# New HT help



## Monty (Apr 23, 2011)

Hello all, I am in the process of putting together a new home theater and would like some input.
I am replacing an old Bose lifestyle 12 and have decided to put together individual components. 

I think I have decided on buying the SVS SBS-02 5.0 set, I have been given a Boston Acoustics SV500 in great shape except the speaker needs to be replaced (not sure what to do here) I hope this sub pairs well with the SVS's. 

The tough part for me is deciding on the receiver, I have done so much reading my mind is smoked. I think I have narrowed down to the Denon AVR1912 or the Onkyo TX-NR609, but I can't choose. Is there something out there that I should look at to compare to these 2 receivers? I have a PS3 and a WII that I intend to hook up to my Panasonic 46" Plasma the model escapes me right now. If I have missed anything please let me know.

I am open to any input. 
Thanks for you time


----------



## nova (Apr 30, 2006)

I think you will be quite pleased with the SVS speakers. Your sub should be just fine with the SVS speakers. You can look into replacing the driver or re-foaming depending upon what is wrong with it. Also consider repair costs vs. a new sub.
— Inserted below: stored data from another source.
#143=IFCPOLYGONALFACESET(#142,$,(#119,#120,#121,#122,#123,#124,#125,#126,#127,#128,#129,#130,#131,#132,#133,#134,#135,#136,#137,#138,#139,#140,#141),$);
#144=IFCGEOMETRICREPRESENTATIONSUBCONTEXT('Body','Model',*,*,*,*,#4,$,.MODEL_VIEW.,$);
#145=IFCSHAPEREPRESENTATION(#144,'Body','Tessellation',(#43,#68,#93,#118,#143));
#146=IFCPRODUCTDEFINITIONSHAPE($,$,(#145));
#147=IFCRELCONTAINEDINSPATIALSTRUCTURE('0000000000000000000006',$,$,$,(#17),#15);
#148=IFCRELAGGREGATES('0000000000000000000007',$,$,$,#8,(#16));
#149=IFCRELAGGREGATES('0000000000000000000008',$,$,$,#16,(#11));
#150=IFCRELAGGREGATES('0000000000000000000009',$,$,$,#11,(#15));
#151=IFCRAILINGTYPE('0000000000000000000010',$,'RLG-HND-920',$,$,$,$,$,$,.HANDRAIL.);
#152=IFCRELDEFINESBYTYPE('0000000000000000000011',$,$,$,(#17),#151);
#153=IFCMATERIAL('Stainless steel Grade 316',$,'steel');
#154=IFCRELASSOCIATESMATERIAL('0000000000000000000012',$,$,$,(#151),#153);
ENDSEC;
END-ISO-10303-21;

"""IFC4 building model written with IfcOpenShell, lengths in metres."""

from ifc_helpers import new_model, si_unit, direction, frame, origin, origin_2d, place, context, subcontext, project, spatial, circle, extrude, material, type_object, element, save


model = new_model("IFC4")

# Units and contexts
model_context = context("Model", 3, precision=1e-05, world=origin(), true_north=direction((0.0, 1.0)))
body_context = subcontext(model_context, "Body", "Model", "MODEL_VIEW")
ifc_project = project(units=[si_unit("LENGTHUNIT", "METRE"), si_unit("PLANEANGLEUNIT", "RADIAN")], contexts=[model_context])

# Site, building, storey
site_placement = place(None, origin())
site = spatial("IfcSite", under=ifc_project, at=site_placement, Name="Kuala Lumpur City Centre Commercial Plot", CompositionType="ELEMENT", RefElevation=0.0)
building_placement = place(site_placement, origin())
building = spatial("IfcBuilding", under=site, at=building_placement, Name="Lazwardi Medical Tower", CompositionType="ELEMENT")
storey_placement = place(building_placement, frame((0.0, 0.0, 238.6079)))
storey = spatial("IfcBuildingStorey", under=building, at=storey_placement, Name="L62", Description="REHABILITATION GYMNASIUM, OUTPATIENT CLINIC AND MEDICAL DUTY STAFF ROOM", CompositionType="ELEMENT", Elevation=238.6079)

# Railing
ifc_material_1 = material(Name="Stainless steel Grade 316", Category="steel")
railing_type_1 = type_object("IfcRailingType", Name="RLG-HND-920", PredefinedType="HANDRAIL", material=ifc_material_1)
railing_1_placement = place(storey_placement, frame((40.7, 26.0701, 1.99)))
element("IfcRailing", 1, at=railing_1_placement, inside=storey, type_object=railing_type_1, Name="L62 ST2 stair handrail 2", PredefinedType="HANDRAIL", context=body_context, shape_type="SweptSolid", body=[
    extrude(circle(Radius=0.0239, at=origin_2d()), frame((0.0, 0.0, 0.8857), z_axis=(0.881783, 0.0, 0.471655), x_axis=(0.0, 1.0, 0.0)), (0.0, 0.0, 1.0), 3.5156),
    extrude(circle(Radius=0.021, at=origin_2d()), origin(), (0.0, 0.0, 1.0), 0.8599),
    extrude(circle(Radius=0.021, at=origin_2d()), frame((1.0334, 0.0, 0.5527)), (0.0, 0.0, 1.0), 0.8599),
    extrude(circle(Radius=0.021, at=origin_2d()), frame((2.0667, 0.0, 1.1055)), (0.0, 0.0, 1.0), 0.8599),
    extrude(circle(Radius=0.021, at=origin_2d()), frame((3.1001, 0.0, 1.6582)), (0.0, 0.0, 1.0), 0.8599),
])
As for the receiver, I really don't think you can go wrong with Denon, Onkyo, Pioneer or Yamaha. Pick up the one with the features you need/want at the price you're willing to pay. Personally I like Denon but I think the Onkyo 609 is a better value, with a bit more power and the Qdeo video upscaling. The Denon does include built in support for Apple's Air Play if that is a factor in your decision.


----------



## Jungle Jack (Jul 28, 2009)

Hello,
I truly think this is going to be an epiphany for you switching from the Bose to the SVS's. Truly a major upward trajectory and I cannot recommend enough finishing it off with an SVS Subwoofer. Or a HSU Research Subwoofer and many others.
Also, I too would go with the 609. It posted Bench Test results that honestly shames some $1000 AVR's.
Cheers,
JJ


----------



## Monty (Apr 23, 2011)

Thanks for the input. I placed my order yesterday (Saturday) and can not wait for the equipment to arrive.
I was reading some reviews of the SVS speakers and read that they would not be very good for primary speakers but fine for surrounds. Can anyone tell me how they actually sound as primary and surround speakers?
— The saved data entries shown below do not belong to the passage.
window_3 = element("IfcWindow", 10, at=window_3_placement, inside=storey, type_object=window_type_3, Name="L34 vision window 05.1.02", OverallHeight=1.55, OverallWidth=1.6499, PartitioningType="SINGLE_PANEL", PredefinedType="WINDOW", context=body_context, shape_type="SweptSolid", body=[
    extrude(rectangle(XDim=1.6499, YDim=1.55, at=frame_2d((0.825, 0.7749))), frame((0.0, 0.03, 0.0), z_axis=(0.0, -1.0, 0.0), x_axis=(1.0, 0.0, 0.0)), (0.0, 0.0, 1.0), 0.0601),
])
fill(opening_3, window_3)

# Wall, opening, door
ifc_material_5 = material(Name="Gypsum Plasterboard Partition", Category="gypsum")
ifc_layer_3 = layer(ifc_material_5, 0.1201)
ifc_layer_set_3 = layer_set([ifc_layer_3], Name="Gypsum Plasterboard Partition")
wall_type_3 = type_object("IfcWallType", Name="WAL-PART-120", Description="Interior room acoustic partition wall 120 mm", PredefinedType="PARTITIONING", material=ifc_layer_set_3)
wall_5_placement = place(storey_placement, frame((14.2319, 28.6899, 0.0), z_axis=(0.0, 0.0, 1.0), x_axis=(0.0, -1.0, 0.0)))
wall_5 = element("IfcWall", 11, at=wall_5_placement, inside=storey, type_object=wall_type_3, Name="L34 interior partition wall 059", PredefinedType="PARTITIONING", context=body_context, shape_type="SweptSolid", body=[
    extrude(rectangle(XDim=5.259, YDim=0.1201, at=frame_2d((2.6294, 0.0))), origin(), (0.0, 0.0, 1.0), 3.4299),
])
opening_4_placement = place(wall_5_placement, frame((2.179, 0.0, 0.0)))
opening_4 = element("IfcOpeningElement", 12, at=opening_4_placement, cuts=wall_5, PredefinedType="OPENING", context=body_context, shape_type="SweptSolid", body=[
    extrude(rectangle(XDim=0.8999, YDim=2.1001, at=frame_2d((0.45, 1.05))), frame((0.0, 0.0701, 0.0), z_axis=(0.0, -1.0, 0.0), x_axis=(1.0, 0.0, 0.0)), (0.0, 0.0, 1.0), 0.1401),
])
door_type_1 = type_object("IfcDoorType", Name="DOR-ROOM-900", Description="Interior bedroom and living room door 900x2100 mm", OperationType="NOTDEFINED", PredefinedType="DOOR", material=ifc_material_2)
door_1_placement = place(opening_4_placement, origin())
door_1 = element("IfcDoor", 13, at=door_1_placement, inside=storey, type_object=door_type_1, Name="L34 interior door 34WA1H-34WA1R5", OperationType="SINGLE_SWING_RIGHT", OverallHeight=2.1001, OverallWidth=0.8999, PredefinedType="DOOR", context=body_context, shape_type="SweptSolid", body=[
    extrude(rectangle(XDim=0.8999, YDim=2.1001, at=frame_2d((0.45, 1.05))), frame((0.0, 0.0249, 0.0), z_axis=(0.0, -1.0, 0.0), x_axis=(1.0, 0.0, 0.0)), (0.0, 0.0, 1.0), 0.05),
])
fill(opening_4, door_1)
I am going to pair them up with an older Boston Acoustics SV500 sub, I hope that is not an issue. I also order the TX-NR609 I am reading mostly good reviews. I guess I have buyers remorse I hope I did not make a mistake!

Wish me luck..now to dump the BOSE lifestyle 12.


----------



## Jungle Jack (Jul 28, 2009)

Hello,
That is interesting that you read this as every Professional Review of the SVS's was when being used almost exclusively as a primary or Mains Speaker. While not all Speakers that are purposely designed for Surround L/R will be ideal for Music, a well designed, accurate Speaker for Music will excel in almost any application. If nothing else, you have a no hassles Return Policy should the SVS's not meet your standards as well.
Cheers,
JJ


----------



## GranteedEV (Aug 8, 2010)

The SVS speakers designed by Phil Bamberg should be a good choice. He's a well known speaker designer and they're most certainly a fine choice for mains - however any bookshelf speaker with 5 - 6" midwoofers will always have its dynamic limitations as a front which I presume is the explanation for your observations of reviews.
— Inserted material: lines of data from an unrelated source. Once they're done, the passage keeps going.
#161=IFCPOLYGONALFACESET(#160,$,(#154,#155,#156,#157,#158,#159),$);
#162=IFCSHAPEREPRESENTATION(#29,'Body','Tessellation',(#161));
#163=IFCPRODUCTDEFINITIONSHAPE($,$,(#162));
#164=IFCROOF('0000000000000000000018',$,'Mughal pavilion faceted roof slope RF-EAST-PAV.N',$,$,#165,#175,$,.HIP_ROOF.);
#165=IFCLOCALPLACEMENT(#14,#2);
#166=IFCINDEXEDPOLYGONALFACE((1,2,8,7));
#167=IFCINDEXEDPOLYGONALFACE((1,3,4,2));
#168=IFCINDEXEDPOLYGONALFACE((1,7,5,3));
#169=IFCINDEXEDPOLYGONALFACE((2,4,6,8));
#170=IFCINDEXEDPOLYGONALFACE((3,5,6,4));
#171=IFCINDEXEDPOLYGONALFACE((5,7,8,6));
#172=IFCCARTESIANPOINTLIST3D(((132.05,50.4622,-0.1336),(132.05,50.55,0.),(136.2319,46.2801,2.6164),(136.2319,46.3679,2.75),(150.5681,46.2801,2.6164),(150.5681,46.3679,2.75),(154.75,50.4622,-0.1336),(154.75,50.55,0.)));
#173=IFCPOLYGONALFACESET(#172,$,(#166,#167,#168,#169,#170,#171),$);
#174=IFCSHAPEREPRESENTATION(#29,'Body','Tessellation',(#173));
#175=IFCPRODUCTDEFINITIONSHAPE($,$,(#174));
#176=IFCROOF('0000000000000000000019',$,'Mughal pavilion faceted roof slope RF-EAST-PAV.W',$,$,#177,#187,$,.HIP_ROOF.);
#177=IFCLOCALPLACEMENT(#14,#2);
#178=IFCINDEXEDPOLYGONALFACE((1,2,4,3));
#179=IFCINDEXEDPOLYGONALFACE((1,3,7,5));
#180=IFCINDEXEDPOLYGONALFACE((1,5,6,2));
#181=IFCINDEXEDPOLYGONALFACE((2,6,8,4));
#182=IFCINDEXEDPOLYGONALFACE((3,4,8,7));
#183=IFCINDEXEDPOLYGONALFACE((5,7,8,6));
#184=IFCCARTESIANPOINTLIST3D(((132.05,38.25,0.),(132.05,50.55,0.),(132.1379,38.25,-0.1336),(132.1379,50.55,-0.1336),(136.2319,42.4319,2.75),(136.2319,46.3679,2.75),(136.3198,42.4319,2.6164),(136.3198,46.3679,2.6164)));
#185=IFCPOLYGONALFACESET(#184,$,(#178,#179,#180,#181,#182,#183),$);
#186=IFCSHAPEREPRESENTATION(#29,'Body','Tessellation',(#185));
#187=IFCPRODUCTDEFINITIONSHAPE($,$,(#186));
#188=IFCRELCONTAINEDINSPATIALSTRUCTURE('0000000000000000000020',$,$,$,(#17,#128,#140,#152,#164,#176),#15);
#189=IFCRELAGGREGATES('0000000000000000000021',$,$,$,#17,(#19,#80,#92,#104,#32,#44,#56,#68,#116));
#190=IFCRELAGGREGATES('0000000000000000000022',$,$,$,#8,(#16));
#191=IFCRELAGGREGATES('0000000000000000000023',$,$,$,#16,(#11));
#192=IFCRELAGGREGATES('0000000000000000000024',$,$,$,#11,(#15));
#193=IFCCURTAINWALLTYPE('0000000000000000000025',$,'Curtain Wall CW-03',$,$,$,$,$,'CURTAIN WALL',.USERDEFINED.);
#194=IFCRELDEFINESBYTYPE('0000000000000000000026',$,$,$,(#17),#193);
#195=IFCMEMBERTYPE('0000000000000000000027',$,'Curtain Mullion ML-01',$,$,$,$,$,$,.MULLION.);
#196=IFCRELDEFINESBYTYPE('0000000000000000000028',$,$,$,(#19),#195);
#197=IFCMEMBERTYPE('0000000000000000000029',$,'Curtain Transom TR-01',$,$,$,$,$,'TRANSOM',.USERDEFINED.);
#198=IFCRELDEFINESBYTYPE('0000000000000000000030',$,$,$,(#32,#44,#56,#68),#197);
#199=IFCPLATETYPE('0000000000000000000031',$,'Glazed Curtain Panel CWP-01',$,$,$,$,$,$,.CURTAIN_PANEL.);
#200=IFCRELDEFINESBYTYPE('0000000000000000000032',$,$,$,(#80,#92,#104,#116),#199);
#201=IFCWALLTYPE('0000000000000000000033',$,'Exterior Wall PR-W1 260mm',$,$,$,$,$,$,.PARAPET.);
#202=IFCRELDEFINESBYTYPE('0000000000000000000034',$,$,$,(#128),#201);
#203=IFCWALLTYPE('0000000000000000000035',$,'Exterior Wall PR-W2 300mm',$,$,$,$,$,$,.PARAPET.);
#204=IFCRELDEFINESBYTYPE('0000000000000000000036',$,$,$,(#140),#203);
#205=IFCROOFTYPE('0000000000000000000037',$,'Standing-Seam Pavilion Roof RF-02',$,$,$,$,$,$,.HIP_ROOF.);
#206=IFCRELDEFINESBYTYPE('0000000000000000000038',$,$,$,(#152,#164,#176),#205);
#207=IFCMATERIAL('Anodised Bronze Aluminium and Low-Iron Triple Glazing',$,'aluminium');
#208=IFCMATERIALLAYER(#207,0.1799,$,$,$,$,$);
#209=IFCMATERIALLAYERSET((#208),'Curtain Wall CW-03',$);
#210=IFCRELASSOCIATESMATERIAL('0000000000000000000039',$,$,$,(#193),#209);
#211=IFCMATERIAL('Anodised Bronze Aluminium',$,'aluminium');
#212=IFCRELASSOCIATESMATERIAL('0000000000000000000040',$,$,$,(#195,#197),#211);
His own speaker company is known for some very high end hi fi speakers:

http://www.bambergaudio.com/products/series5/series-5-tmw.php

I would consider the SCS-02 _fronts_ as they should be more overall capable than the SBS-02s, however. Or you could go all out with some MTS-02s 

I'd also consider using inexpensive surrounds if it means upgrading the fronts. :T Pioneer makes some nice inexpensive bookshelf speakers which should work well in your application.


----------



## Monty (Apr 23, 2011)

I have my SVS SBS-02 and center and they sound great. I am still waiting on my Onkyo 606 but I have a problem.

I was given a Boston Acoustics VR500 sub, the foam gasket was torn so I replaced it with a kit from simply speakers. This seemed like it should have fixed it but when there is something heavy bass it sounds like it is still ripped. We have gone over the speaker several times and there is no indication that it is ripped.:huh:

So now my choices (I believe) are to replace the woofer or replace the sub all together. I have searched the internet and can not find a replacement speaker for this sub. Can anyone offer advice? I know I could replace the whole sub, but thats another $400-$500 that I am not sure I can spend. I am so close to a great sounding Home Theater but am lacking on this major component. I am going to contact Boston today to see if they can recommend a replacement speaker. This is a 10" speaker with a square metal bracket

Thank you in advance.


----------



## nova (Apr 30, 2006)

I'd post in our DIY sub forum. I'd bet someone would be able to help you figure out an acceptable replacement driver for your sub.


----------